What is cool about decision tree classification is that it gives you soft classification, meaning it may associate more than one class label with a given data vector. When this happens, it may mean that your classes are indeed overlapping in the underlying feature space. It could also mean that you simply have not supplied sufficient training data to the decision tree classifier. For a tutorial introduction to how a decision tree is constructed and used, visit https://engineering.purdue.edu/kak/Tutorials/DecisionTreeClassifiers.pdf

This module also allows you to generate your own synthetic training and test data. Generating your own training data, using it for constructing a decision-tree classifier, and subsequently testing the classifier on a synthetically generated test set of data is a good way to develop greater proficiency with decision trees.

WHAT PRACTICAL PROBLEM IS SOLVED BY THIS MODULE

If you are new to the concept of a decision tree, their practical utility is best understood with an example that only involves symbolic features. However, as mentioned earlier, versions of the module higher than 2.0 allow you to use both symbolic and numeric features.

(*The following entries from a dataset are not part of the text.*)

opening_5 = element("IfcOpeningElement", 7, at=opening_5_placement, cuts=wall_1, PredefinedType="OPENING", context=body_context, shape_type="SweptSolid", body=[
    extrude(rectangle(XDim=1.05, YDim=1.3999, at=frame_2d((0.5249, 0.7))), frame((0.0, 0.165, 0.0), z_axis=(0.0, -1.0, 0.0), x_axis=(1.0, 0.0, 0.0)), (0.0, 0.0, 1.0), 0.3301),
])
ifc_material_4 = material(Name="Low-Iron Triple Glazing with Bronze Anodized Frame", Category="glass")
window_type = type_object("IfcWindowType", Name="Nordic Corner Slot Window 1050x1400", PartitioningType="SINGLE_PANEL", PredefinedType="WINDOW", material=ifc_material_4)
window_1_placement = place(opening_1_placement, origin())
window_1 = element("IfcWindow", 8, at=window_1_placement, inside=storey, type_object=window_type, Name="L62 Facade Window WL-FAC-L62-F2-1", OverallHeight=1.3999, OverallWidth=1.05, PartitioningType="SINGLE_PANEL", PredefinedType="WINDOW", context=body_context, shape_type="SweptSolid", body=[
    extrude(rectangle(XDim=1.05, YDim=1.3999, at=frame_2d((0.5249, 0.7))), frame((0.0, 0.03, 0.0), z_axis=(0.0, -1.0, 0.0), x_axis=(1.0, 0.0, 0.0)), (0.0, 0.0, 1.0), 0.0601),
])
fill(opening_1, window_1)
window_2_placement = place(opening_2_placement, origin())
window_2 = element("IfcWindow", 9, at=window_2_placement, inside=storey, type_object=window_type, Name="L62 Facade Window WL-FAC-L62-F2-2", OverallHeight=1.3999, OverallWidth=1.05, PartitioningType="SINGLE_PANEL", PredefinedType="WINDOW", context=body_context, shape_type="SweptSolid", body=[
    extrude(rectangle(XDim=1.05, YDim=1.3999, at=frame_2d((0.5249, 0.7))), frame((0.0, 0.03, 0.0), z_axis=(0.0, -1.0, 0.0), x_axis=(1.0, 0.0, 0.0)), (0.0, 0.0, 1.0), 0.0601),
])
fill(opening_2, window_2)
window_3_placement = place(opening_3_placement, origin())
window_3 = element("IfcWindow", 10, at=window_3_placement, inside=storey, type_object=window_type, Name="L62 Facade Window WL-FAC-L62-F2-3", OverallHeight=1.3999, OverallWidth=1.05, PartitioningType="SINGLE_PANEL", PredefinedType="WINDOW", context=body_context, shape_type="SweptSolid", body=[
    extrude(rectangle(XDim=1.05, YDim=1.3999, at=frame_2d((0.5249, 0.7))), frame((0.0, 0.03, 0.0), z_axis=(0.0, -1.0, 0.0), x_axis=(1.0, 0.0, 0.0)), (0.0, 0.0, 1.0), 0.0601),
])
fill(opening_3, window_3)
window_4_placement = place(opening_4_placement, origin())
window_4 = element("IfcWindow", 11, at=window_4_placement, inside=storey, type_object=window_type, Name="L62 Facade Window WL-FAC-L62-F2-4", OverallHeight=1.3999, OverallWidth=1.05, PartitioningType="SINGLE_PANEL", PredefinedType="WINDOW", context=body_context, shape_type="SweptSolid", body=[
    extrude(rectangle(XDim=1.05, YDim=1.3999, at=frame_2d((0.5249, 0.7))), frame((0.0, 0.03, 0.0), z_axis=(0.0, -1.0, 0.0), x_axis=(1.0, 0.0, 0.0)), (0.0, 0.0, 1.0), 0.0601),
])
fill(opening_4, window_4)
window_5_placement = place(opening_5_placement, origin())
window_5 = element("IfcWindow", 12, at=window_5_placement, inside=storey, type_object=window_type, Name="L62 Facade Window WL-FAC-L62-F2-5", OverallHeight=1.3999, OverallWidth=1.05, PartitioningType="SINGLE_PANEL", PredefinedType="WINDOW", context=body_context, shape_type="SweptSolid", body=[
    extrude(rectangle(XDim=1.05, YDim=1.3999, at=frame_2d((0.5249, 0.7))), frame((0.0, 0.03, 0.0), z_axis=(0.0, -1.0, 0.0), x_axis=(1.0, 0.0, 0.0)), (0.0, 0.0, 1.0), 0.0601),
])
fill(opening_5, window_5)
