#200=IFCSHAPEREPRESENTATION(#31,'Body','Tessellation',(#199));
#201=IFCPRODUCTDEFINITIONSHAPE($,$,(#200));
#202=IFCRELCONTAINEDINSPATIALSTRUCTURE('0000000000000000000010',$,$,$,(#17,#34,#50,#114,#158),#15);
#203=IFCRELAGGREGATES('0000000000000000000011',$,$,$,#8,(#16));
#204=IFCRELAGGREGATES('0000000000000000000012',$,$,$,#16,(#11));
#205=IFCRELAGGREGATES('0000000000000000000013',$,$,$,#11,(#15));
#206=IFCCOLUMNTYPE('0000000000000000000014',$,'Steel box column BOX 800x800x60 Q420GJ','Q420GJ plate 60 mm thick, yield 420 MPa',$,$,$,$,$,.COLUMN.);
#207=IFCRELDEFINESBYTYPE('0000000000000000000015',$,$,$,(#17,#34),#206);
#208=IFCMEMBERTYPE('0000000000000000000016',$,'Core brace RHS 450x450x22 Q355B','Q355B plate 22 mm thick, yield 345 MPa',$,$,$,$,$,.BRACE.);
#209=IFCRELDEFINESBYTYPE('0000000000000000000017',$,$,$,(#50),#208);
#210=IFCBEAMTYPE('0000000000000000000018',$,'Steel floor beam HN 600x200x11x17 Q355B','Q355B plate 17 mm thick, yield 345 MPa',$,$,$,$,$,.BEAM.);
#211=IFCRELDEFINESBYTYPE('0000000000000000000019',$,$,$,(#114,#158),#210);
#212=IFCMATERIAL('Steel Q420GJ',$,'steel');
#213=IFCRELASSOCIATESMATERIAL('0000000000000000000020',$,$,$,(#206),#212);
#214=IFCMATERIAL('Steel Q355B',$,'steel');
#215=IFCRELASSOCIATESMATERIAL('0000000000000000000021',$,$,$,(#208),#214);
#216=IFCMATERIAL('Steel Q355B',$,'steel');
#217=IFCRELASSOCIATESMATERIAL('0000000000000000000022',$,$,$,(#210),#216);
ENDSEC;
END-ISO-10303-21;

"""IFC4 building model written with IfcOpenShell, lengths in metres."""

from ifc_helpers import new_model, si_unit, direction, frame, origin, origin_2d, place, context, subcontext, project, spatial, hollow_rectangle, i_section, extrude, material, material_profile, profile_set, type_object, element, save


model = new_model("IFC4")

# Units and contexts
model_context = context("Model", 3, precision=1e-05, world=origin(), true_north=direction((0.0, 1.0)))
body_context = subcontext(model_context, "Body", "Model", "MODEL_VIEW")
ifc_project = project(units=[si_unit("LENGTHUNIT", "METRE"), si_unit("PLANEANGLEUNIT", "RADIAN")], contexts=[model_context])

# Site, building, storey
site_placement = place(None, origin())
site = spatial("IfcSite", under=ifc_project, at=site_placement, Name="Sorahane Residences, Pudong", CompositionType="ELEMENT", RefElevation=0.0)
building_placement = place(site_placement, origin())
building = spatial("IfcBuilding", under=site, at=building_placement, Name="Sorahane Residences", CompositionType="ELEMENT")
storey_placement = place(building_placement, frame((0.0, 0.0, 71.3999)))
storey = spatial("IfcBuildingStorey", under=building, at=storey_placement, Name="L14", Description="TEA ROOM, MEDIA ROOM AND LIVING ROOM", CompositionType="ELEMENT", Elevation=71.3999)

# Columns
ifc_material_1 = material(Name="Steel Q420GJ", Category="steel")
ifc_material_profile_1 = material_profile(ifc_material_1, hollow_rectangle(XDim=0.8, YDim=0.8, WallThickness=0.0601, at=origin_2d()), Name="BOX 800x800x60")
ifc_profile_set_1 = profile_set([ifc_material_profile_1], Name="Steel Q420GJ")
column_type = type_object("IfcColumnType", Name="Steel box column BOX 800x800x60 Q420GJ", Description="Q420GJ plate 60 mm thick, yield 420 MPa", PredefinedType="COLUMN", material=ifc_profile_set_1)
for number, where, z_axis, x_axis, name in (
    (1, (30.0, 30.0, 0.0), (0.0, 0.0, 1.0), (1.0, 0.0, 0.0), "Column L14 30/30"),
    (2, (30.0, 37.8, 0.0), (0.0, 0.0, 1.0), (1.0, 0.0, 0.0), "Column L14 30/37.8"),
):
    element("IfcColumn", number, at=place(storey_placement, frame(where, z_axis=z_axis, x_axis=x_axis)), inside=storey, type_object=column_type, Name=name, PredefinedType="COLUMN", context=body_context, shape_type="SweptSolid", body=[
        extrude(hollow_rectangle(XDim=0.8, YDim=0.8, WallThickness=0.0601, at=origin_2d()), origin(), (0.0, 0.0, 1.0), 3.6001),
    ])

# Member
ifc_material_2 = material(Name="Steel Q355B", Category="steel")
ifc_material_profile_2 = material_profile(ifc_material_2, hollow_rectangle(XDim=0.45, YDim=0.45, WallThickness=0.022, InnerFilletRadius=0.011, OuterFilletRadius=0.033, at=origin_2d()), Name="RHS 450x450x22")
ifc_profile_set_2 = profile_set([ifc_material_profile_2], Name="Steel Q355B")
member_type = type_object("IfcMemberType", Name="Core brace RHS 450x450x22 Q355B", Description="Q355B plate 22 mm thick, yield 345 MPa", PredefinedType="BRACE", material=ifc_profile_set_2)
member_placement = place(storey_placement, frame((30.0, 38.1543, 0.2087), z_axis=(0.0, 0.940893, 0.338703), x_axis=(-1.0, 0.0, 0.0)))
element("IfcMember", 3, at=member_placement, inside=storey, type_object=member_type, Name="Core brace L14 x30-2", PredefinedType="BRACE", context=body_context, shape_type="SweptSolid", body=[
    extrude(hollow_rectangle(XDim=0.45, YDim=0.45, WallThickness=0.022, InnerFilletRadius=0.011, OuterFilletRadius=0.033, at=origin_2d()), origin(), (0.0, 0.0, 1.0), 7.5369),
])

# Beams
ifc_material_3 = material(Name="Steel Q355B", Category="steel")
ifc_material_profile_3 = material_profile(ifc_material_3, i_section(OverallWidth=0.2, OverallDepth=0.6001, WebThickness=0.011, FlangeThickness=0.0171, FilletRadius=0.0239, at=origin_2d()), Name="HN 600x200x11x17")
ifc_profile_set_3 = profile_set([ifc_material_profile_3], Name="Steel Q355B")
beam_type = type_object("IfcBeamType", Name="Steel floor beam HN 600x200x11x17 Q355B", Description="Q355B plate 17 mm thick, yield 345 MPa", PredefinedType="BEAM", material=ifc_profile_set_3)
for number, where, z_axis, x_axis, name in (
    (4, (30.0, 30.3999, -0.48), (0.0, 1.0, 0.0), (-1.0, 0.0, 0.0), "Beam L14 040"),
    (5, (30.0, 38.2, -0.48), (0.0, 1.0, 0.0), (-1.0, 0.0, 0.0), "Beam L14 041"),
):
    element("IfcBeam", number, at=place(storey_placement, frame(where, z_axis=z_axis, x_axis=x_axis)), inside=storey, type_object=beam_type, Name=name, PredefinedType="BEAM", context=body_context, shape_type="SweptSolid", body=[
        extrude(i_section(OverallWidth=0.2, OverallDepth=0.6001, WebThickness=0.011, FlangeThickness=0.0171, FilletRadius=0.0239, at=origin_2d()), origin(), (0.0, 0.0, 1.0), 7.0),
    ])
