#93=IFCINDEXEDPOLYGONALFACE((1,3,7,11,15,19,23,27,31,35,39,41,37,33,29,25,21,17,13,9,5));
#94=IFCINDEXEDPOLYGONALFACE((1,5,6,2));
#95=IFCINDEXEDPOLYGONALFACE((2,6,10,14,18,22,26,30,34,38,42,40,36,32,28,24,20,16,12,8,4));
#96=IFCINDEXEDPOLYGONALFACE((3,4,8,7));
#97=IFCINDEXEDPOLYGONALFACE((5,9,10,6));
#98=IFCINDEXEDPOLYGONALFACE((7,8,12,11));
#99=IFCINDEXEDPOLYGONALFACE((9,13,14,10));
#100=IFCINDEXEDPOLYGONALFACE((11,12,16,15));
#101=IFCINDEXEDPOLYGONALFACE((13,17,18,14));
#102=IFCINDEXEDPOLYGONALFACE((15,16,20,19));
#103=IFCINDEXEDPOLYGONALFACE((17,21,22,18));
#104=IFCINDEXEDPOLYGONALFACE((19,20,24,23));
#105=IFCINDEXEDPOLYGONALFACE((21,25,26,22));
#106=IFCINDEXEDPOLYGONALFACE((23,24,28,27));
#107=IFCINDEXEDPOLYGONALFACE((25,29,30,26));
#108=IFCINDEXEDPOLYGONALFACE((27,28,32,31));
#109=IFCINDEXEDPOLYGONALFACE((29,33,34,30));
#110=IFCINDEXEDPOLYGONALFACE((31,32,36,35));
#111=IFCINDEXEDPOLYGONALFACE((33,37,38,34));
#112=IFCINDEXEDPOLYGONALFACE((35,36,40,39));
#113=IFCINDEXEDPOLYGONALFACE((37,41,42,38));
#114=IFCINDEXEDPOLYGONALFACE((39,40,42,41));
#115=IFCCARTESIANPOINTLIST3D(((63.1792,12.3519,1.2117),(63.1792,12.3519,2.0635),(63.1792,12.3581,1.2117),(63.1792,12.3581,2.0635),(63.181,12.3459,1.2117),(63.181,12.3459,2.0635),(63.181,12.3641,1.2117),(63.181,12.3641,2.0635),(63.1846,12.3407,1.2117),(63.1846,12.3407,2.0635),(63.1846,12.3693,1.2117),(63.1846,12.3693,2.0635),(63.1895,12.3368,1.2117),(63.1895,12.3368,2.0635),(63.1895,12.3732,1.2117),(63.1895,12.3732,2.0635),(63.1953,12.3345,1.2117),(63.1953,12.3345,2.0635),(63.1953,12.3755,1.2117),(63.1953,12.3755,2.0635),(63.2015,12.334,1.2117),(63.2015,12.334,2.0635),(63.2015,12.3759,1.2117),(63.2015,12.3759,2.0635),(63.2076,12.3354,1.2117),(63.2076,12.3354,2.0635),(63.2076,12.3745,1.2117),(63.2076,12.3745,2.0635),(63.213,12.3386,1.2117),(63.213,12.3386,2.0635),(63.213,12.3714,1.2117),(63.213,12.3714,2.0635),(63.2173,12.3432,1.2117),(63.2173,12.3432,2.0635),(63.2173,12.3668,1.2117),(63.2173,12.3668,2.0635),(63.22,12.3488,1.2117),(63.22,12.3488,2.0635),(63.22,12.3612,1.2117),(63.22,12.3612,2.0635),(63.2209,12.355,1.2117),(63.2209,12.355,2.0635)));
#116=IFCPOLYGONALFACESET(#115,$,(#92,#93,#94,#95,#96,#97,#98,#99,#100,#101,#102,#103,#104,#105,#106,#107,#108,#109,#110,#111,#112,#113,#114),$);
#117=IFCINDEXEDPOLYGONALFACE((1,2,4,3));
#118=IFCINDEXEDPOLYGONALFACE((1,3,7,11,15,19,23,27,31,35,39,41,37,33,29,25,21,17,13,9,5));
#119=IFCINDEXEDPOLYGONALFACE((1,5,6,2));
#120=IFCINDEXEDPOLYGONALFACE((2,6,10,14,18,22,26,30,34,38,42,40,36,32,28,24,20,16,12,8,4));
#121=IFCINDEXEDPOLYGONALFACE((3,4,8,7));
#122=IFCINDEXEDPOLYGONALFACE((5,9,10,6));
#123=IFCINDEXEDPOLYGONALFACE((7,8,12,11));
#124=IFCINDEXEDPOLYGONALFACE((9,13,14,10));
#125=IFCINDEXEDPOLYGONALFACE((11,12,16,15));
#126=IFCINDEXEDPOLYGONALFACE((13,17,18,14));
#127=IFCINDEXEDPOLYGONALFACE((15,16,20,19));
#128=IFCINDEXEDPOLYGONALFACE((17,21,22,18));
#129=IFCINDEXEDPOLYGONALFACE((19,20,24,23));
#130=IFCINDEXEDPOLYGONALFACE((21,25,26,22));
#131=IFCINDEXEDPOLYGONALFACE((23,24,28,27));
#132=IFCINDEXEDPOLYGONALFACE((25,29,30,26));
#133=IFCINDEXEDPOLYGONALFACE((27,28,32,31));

Consider the following scenario: Let's say you are running a small investment company that employs a team of stockbrokers who make buy/sell decisions for the customers of your company. Assume that your company has asked the traders to make each investment decision on the basis of the following four criteria:

price_to_earnings_ratio   (P_to_E)

price_to_sales_ratio      (P_to_S)

return_on_equity          (R_on_E)

market_share              (MS)

Since you are the boss, you keep track of the buy/sell decisions made by the individual traders. But one unfortunate day, all of your traders decide to quit because you did not pay them enough. So what do you do? If you had a module like the one here, you could still run your company and do so in such a way that, on the average, would do better than any of the individual traders who worked for your company. This is what you do: You pool together the individual trader buy/sell decisions you have accumulated during the last one year. This pooled information is likely to look like:

example      buy/sell     P_to_E     P_to_S     R_on_E      MS
============================================================+=

example_1     buy          high       low        medium    low
example_2     buy          medium     medium     low       low
example_3     sell         low        medium     low       high
....
....

This data, when formatted according to CSV, would constitute your training file. You could feed this file into the module by calling:

my $dt = Algorithm::DecisionTree->new( 
                 training_datafile => $training_datafile,
                 csv_class_column_index => 1,
                 csv_columns_for_features => [2,3,4,5],
         );
$dt->get_training_data(); 
$dt->calculate_first_order_probabilities();
$dt->calculate_class_priors();

Subsequently, you would construct a decision tree by calling:

my $root_node = $dt->construct_decision_tree_classifier();

Now you and your company (with practically no employees) are ready to service the customers again. Suppose your computer needs to make a buy/sell decision about an investment prospect that is best described by:

price_to_earnings_ratio  =  low
price_to_sales_ratio     =  very_low
return_on_equity         =  none
market_share             =  medium    

All that your computer would need to do would be to construct a data vector like

my @data =   qw / P_to_E=low
                  P_to_S=very_low
                  R_on_E=none
                  MS=medium /;

and call the decision tree classifier you just constructed by

$dt->classify($root_node, \@data); 

The answer returned will be 'buy' and 'sell', along with the associated probabilities. So if the probability of 'buy' is considerably greater than the probability of 'sell', that's what you should instruct your computer to do.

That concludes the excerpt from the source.